# How difficult is it to write a plug-in?



## PhilBurton (Dec 26, 2015)

Aside from the official Adobe documentation, what resources are available to learn how to write and test plug-ins?  Anyone on this forum write plug-ins?  I know Adobe uses a relatively unknown scripting language called LUA.

If it matters, I am not a software developer by profession, but as a student and young professional, I wrote a lot of software for civil engineering applications, using Fortran :bluegrin: and PL/1, :bluegrin: :bluegrin:  so I understand how code works.

Phil


----------



## Tony Jay (Dec 26, 2015)

John Beardsworth is your go-to on this forum for plug-in's.
Adobe does publish a software development kit for Lightroom.
Lua is not unknown but it certainly has it's quirks.
A good knowledge of SQL is also required.

Basically, if you are prepared to learn Lua properly, study the SDK, and have a worthwhile idea that can be translated into a plug-in then it is a doable proposition.

Tony Jay


----------



## Hal P Anderson (Dec 26, 2015)

There's an Adobe forum for Lightroom plugins. Some of the threads talk about coding them. 
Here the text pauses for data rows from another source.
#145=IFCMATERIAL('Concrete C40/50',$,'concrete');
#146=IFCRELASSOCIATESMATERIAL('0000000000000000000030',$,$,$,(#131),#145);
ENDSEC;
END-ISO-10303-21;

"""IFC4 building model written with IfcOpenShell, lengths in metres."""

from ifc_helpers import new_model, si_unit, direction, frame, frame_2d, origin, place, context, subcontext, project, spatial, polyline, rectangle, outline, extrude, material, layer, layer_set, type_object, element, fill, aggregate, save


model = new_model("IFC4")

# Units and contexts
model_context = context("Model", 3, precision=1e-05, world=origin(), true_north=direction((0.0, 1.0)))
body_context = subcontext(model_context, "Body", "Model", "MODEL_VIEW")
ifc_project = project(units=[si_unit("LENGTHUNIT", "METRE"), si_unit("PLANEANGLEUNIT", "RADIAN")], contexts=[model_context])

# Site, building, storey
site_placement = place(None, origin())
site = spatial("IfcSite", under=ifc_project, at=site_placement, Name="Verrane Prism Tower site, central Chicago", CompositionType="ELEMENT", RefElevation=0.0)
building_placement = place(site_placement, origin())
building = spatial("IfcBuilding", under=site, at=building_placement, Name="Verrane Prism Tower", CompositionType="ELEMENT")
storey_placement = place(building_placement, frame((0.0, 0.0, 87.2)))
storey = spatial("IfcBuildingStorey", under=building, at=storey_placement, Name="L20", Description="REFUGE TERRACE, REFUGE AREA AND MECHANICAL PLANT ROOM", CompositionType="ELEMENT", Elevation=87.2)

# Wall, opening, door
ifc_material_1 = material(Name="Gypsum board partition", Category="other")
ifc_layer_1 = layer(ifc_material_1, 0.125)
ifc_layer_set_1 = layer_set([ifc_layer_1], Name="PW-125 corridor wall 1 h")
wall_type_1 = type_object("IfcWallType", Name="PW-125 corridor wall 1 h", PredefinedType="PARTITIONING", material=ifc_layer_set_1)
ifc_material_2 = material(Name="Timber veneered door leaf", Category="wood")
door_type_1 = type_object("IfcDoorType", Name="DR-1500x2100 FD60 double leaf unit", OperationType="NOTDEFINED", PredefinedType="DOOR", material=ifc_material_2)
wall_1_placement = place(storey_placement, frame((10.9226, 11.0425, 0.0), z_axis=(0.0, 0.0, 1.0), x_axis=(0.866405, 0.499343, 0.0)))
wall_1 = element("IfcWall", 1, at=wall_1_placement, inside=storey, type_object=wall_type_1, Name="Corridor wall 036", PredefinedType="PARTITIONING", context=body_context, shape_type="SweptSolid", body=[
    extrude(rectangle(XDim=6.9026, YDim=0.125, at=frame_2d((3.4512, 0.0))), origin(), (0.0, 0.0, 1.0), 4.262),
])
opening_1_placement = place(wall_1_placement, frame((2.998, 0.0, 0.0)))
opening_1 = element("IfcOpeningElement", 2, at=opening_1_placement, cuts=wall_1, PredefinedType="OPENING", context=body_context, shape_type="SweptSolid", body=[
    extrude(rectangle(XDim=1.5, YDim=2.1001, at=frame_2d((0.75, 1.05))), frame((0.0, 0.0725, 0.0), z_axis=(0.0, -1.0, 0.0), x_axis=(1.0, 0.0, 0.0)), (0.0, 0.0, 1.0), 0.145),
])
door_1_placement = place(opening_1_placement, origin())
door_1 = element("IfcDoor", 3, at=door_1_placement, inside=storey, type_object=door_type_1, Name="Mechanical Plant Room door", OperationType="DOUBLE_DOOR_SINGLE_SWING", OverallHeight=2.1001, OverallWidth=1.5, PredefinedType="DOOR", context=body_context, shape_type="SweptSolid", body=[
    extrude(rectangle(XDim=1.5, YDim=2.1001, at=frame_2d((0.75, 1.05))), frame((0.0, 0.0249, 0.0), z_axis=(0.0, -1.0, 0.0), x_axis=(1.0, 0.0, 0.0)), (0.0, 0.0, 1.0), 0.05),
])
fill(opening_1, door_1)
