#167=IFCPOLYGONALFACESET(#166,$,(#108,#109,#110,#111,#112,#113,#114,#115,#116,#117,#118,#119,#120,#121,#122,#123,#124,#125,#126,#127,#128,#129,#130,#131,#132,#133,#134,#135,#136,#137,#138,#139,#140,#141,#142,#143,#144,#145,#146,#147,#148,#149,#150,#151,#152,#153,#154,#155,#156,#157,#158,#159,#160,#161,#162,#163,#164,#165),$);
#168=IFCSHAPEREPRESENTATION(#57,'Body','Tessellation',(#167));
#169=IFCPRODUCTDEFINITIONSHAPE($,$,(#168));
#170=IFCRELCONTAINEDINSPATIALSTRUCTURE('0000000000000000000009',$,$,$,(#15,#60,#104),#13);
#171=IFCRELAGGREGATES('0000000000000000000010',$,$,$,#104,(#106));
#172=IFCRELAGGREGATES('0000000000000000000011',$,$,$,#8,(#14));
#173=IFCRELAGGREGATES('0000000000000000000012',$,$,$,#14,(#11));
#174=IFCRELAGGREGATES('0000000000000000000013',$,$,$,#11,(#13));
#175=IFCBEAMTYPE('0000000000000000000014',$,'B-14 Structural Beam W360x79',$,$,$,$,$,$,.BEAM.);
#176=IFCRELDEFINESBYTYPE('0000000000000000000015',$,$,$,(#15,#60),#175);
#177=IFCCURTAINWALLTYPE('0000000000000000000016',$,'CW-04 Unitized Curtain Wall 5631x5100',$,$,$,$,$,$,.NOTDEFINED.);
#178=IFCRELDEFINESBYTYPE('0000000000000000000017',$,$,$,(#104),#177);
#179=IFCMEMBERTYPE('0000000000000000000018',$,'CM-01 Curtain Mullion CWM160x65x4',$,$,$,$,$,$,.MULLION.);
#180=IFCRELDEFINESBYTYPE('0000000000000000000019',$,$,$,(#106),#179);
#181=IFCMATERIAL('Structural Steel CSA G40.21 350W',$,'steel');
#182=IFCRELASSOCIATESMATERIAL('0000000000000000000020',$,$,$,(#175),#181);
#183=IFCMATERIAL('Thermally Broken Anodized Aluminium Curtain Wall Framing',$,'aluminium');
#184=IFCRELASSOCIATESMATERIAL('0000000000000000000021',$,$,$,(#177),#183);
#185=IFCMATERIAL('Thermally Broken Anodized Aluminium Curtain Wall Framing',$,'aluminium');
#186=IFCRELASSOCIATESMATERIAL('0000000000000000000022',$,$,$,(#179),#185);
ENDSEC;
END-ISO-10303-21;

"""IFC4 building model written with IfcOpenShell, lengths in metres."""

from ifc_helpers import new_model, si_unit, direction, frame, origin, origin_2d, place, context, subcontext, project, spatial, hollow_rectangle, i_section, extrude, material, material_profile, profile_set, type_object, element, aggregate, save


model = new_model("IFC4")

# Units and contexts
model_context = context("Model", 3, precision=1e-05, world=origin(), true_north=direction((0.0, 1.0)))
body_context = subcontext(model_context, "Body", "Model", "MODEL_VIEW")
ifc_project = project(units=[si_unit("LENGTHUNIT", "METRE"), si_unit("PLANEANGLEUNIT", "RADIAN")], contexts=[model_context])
https://forums.adobe.com/community/labs/lightroomplugins/

Also see here for a LUA tutorial: http://lua-users.org/wiki/LuaTutorial


----------



## johnbeardy (Dec 27, 2015)

My experience was in less-hardcore languages like VB, PHP, JS, Flash Action Script, and for a long time I found Lua quite a struggle. So I put a lot of effort into learning it.
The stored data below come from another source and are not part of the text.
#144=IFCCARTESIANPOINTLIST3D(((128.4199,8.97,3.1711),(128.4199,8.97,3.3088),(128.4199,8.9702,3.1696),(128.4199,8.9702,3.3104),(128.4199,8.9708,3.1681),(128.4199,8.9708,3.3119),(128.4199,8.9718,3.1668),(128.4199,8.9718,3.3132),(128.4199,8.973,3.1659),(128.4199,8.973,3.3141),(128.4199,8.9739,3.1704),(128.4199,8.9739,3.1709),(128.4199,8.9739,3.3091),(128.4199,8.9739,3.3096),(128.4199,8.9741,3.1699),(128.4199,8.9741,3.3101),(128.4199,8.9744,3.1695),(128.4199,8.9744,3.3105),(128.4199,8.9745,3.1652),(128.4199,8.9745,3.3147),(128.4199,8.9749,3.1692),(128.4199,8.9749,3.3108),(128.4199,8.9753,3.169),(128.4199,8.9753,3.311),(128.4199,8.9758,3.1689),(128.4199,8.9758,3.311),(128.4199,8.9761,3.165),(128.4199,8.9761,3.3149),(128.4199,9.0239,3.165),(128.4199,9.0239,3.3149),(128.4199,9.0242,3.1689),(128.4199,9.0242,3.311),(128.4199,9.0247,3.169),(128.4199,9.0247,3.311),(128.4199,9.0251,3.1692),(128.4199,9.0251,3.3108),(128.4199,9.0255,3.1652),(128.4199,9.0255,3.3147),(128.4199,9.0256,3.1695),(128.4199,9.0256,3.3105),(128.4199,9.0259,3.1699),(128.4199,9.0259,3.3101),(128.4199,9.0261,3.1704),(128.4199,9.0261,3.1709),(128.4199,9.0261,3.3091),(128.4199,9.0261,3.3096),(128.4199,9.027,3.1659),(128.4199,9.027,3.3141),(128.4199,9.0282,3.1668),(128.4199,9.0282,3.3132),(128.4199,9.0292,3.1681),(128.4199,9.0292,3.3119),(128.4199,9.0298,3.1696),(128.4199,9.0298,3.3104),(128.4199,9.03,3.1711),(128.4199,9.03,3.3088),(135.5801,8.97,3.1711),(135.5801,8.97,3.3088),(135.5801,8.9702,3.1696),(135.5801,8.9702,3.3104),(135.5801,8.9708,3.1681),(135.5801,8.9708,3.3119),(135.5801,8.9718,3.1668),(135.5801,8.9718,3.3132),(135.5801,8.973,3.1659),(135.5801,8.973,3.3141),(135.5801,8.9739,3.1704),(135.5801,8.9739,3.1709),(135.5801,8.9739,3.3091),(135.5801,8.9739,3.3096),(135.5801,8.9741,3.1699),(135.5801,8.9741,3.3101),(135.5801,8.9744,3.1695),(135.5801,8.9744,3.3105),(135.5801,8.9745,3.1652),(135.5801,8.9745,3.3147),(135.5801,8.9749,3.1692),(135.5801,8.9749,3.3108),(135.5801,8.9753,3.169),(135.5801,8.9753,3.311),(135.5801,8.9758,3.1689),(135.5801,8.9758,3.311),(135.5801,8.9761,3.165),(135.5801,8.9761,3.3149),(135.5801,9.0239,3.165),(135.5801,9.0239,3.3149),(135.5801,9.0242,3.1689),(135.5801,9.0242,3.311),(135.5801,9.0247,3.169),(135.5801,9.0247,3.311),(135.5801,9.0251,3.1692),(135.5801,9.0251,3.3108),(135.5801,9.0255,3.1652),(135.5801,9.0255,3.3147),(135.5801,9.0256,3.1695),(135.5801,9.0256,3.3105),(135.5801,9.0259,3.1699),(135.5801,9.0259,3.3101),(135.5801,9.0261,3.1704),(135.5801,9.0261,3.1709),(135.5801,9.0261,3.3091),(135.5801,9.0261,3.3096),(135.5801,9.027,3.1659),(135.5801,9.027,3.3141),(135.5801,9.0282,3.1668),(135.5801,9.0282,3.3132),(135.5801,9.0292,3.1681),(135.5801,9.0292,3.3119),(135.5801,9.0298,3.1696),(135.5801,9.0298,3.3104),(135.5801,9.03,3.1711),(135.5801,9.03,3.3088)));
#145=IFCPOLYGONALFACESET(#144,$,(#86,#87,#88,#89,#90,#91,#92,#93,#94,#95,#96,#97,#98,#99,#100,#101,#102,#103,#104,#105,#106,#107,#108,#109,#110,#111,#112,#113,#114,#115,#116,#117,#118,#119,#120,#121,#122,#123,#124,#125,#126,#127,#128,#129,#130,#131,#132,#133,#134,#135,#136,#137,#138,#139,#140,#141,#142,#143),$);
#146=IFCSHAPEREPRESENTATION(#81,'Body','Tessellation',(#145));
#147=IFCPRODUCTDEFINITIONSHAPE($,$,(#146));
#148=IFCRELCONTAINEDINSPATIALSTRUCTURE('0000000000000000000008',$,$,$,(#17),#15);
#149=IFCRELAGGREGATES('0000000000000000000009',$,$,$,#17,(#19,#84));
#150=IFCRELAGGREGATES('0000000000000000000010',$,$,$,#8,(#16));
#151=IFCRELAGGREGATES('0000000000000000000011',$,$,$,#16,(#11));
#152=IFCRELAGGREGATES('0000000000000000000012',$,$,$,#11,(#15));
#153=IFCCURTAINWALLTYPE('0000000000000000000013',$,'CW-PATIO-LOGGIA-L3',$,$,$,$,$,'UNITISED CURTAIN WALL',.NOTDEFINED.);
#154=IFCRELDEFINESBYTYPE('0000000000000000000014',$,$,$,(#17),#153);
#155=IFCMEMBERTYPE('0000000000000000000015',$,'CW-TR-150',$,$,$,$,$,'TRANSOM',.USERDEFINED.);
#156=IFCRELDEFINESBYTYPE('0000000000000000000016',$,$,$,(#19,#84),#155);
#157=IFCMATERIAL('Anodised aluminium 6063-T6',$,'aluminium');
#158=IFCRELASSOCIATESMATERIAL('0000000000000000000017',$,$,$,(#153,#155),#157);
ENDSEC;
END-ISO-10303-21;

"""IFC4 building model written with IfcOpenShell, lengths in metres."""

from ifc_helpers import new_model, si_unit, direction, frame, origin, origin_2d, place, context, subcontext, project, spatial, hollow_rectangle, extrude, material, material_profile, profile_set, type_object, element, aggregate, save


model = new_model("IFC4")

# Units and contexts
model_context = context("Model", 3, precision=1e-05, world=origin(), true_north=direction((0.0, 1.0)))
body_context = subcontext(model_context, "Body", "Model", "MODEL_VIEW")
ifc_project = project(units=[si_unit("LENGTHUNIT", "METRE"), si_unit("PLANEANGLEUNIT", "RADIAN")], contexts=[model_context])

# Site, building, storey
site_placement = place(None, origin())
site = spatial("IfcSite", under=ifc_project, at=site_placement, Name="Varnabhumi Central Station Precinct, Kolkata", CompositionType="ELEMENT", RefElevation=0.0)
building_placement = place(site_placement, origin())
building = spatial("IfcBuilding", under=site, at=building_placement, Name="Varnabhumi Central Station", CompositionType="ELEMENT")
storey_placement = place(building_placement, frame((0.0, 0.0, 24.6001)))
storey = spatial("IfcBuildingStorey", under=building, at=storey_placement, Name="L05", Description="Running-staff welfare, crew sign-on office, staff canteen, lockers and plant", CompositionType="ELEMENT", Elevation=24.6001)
The problem is that this "relatively unknown scripting language called LUA" is indeed pretty obscure:

a) you don't get the wealth of learning material and range of examples that you get with other languages

b) documentation is limited to:
- Lua's own material which is very geeky
- Adobe's SDK documentation which is geared to trained programmers

c) Adobe don't provide a coding tool which would allow you to run and debug code, and while some Lua IDEs are available they too are oriented to trained programmers

I would start by reverse engineering the sample plugins in Adobe's SDK, then focussing on creating the plugin for your specific need and using that objective to concentrate your learning process.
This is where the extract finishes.